“You’re having
another boy?! So sorry!”
“Ah, that’s too
bad. You were probably wishing that you were going to have a
girl.”
My wife and I
just found out that our fourth child-to-be-born, Lord willing,
is our fourth son. (Another little baby of ours died in a
miscarriage last spring before we could learn if he or she was a
he or she.) We happily made the news public, but much more
often than not, the reactions were the ones that I cited for you
above…which are verbatim quotations.
It’s now your
turn to guess whose mouths uttered these words. If you guessed,
“your friendly neighborhood NARAL lobbyist?” you would have to
guess again. If you tried, “your non-believing co-workers?” you
would have an oh-and-two count against you. I’ll give you a
hint: pro-life friends and acquaintances….Go ahead, take one
more swing at it. “Pro-life friends and acquaintances?” Yes,
you got it! Nice hit! (How did you ever make the connection?)
Now, if you have
more children than the national norm, or if you have adopted
interracially, or if you have a child with Down’s syndrome, then
you hit the ball out of the park on the first swing. It did not
take you three guesses, because you’ve heard these kinds of
comments—and much more unkind ones—from pro-life friends and
acquaintances, and probably from family, too. When my wife and
I told people that we were pregnant again just three months
after the birth of our first son, one pro-life (I’ll just say
“relative”) relative expressed dismay at the news. “Again? So
soon? Are you sure that you are ready for another?”
Believe it or
not, I am not writing this to vent. But these
recent puzzling statements from pro-life friends and
acquaintances spurred me finally to sit down and write on a
subject that has been on my mind for quite some time. I have
long been trying to answer the question: Why are we having
children?
The most typical
positive answer to that question—you hear it from well-meaning
people all the time—is not satisfying to me. Worse, it has a
dark undertone that those who love the precious gift of life
should not be imparting: “Children give you so much joy.” You
should have children, many will opine, because they can bring
you joy. Okay, but by the same logic, you should not
have children if you think that they will not bring you
joy. I actually agree with the second statement if you
are not married and not pregnant: if you don’t see children as
gifts from God, then you should remain celibate and
childless…and fifty feet away from any child.
The tragedy of
our nation is that, more than three thousand times every day,
the maxim “you should not have children if you think that they
will not bring you joy” is used against a child who is already
alive. And, as I see it, anytime that you answer the query as
to why you’ve had children with, “Because they’ve brought us so
much happiness,” you are reinforcing the popular cultural notion
that a child is nothing more than a pawn in the grand game to
maximize your own personal pleasures.
My wife and I
share the good news of our pregnancies right away: when there
is a double blue line on the pee-stick, Verizon stock goes up.
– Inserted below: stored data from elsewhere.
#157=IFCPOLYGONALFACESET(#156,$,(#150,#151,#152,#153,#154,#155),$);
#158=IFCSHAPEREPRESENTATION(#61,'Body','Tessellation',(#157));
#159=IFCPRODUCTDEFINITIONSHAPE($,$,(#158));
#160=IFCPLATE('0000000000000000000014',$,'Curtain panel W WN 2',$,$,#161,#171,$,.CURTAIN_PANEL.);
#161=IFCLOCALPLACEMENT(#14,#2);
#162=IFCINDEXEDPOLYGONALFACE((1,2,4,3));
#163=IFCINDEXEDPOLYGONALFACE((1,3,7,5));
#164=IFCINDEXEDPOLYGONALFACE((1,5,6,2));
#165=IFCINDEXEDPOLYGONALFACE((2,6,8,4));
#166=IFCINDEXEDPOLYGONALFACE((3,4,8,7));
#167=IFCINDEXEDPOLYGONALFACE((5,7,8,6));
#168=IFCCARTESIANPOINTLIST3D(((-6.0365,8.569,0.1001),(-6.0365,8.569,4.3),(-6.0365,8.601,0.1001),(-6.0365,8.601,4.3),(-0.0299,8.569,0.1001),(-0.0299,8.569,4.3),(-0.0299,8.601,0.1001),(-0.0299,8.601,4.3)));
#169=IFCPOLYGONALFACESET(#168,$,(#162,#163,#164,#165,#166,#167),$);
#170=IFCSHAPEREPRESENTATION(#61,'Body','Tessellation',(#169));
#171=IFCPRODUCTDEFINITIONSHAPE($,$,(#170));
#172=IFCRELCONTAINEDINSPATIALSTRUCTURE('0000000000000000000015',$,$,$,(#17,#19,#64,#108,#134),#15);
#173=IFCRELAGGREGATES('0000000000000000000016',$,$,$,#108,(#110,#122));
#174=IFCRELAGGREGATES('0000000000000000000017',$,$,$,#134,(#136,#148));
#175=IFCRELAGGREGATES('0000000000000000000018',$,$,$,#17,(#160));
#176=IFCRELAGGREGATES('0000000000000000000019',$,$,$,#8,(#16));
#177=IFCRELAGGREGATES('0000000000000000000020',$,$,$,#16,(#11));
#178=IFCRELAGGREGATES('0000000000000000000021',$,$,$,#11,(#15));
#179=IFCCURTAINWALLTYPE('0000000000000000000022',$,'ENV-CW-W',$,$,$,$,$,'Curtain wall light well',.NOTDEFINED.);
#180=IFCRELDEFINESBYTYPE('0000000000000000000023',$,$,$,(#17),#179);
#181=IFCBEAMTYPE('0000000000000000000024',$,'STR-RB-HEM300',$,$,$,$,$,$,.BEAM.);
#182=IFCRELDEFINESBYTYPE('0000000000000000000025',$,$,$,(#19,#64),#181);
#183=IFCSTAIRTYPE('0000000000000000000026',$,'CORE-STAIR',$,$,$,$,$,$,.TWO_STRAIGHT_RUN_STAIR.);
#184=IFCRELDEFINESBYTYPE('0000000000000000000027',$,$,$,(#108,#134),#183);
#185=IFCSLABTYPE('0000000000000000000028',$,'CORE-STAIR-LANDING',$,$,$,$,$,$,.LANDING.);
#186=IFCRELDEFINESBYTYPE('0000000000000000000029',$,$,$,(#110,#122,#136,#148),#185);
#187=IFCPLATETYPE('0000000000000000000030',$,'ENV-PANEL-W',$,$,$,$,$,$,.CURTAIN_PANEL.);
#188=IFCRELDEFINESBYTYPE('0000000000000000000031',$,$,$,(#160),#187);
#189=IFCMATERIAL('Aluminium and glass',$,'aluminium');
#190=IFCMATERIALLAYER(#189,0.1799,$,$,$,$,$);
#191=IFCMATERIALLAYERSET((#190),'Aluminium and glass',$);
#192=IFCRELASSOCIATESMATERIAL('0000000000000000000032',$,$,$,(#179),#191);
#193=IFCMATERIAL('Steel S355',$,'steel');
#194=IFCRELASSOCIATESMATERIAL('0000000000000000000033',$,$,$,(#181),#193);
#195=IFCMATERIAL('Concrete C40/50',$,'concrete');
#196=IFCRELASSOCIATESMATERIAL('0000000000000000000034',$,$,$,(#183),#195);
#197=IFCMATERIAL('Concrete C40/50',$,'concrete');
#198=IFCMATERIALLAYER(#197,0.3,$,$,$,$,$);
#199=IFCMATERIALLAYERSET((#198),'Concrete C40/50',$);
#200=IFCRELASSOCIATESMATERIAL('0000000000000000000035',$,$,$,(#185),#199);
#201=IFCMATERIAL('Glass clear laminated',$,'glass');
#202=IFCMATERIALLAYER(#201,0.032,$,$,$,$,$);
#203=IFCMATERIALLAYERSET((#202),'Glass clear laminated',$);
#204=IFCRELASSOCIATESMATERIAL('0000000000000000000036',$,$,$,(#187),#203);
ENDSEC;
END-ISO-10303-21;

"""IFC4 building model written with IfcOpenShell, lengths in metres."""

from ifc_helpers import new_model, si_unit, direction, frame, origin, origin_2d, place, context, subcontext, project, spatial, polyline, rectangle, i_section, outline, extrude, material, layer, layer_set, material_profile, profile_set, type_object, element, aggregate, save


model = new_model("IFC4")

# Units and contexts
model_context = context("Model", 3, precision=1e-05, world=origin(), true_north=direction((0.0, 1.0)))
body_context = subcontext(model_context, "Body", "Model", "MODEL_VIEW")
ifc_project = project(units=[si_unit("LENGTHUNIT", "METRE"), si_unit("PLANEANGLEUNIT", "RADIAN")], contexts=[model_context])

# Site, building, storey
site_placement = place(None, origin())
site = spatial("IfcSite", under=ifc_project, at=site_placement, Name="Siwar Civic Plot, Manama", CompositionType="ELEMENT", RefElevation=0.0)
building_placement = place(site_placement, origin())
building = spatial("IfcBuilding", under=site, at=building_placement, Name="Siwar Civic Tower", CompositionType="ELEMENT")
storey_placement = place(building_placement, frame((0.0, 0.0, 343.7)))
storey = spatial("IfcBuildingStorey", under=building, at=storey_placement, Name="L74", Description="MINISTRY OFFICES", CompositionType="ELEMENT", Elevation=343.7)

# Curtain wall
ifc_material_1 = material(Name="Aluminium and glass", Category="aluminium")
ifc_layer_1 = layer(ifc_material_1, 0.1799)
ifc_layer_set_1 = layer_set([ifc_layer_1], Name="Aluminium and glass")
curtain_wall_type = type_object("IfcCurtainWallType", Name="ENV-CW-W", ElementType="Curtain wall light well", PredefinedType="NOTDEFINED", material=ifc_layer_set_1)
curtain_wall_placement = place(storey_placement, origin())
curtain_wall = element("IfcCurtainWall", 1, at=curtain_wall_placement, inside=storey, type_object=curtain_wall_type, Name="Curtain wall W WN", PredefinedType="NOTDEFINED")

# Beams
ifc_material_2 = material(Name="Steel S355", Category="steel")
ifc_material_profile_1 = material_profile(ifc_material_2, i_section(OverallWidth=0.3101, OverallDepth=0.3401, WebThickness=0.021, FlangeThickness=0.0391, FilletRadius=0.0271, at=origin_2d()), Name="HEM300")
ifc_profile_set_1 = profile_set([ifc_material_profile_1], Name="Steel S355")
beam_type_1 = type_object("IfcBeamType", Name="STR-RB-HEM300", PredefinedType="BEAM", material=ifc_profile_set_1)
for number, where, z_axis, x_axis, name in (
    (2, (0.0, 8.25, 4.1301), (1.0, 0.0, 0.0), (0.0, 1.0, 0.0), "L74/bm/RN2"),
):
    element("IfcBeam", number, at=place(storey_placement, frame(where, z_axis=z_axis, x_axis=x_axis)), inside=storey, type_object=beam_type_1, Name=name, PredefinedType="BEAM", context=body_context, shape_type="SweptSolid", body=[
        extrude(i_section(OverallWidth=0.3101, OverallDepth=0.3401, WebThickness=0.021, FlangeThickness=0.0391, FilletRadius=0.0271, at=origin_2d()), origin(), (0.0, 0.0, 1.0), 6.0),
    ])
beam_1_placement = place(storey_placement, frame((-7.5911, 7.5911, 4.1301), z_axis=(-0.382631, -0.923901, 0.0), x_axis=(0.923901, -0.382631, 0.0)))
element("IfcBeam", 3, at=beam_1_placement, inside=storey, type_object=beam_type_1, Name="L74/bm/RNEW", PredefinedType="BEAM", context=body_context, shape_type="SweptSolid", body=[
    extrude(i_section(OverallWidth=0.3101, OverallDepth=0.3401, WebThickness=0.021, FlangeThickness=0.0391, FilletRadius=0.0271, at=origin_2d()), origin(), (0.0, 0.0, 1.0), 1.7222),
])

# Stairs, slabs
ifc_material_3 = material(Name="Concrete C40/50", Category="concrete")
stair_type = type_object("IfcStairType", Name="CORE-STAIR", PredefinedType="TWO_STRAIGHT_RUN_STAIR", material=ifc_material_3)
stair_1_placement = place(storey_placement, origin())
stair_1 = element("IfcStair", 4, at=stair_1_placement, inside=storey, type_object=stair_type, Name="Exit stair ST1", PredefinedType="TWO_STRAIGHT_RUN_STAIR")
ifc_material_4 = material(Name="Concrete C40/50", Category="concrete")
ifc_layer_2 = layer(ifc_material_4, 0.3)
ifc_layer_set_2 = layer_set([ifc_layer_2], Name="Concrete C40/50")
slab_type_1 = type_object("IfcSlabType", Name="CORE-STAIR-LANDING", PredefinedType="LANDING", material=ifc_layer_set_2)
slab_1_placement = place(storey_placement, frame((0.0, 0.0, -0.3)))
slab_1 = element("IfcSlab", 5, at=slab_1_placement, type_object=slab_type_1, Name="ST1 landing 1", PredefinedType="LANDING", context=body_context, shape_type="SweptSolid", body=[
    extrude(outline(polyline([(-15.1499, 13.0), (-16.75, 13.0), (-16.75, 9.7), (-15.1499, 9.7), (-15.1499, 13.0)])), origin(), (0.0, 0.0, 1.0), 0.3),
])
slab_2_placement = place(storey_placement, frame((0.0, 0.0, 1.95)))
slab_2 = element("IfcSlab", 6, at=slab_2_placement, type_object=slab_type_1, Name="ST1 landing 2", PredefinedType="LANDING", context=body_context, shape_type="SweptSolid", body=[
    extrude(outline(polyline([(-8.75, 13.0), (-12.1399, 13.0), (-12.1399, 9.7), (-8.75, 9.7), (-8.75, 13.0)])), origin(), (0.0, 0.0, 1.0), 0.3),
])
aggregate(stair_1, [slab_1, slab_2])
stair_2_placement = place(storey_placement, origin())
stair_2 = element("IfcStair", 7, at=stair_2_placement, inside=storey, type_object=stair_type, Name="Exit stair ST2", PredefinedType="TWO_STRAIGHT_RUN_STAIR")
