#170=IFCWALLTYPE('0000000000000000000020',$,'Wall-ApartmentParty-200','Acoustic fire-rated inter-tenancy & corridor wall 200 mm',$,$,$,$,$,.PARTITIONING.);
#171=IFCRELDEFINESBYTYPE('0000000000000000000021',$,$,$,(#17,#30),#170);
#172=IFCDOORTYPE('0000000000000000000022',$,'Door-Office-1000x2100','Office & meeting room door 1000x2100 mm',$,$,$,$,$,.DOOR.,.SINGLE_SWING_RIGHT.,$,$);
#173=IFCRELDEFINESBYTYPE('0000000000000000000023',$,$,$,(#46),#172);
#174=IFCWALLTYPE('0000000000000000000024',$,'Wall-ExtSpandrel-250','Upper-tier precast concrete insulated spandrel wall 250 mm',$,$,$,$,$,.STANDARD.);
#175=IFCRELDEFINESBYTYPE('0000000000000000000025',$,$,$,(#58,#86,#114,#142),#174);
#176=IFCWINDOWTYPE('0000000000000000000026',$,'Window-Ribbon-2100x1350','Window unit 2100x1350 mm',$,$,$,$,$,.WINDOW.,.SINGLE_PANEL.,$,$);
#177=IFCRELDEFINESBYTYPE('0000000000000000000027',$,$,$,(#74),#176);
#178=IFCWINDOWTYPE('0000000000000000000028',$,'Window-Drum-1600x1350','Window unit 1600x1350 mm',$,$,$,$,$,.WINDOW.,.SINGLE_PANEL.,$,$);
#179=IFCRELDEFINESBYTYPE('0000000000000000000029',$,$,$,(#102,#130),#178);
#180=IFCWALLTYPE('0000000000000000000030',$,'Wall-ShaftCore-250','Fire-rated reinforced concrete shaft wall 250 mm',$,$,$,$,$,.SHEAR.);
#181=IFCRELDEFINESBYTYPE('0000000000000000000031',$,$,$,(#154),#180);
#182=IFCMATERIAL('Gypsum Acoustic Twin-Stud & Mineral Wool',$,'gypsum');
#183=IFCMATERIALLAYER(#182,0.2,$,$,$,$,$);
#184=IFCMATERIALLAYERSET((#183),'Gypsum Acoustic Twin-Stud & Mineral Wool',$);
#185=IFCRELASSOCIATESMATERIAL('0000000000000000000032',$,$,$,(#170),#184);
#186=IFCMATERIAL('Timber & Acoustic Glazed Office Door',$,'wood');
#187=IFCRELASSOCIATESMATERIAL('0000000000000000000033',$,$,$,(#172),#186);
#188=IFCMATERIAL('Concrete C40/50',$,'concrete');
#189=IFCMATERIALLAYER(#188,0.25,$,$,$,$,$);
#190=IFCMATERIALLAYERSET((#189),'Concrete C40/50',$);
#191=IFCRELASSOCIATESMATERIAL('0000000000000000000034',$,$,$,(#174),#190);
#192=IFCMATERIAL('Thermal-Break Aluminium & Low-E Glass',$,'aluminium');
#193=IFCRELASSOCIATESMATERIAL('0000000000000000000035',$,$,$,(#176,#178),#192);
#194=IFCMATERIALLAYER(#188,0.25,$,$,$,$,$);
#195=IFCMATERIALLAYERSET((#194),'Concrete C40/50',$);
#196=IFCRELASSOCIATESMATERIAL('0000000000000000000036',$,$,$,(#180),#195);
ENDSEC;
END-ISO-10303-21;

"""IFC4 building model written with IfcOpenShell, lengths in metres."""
Invariably, people then ask us, “Do you want a boy or a girl?”
I didn’t know there were M and F boxes on the pee-stick to check
off! My response to that question has always been (and I do try
to say this gently), “I don’t know if our baby is a boy or a
girl, so I am not going to wish that he or she is something that
he or she might not be.”
“But don’t you
wish that you were having a girl?” You might as well ask me,
“Don’t you wish that Joshua [our oldest—now 6] was a girl?”
“Again? So
soon? Are you sure that you are ready for another?” Um, dear
______ of mine, the baby is already here.
What kind of
question is that?! (Venting.) What are you trying to say? If
we aren’t ready, then…what? Your question sounds
like the hook in the sales pitch at the other end of
1-800-PlanPar.
Well, what about
Psalm 127:4 – 5a? “Like arrows in the hands of a warrior, so
are the children of one’s youth. How blessed is the man whose
quiver is full of them….” Picturing all those millions of
little spermatozoa darting their way towards the egg, I can’t
help but think that God’s use of the word “arrows’ for children
was an attempt at reproductive humor. (And a very good joke,
too! I might add. Not a good idea to heckle the Creator.)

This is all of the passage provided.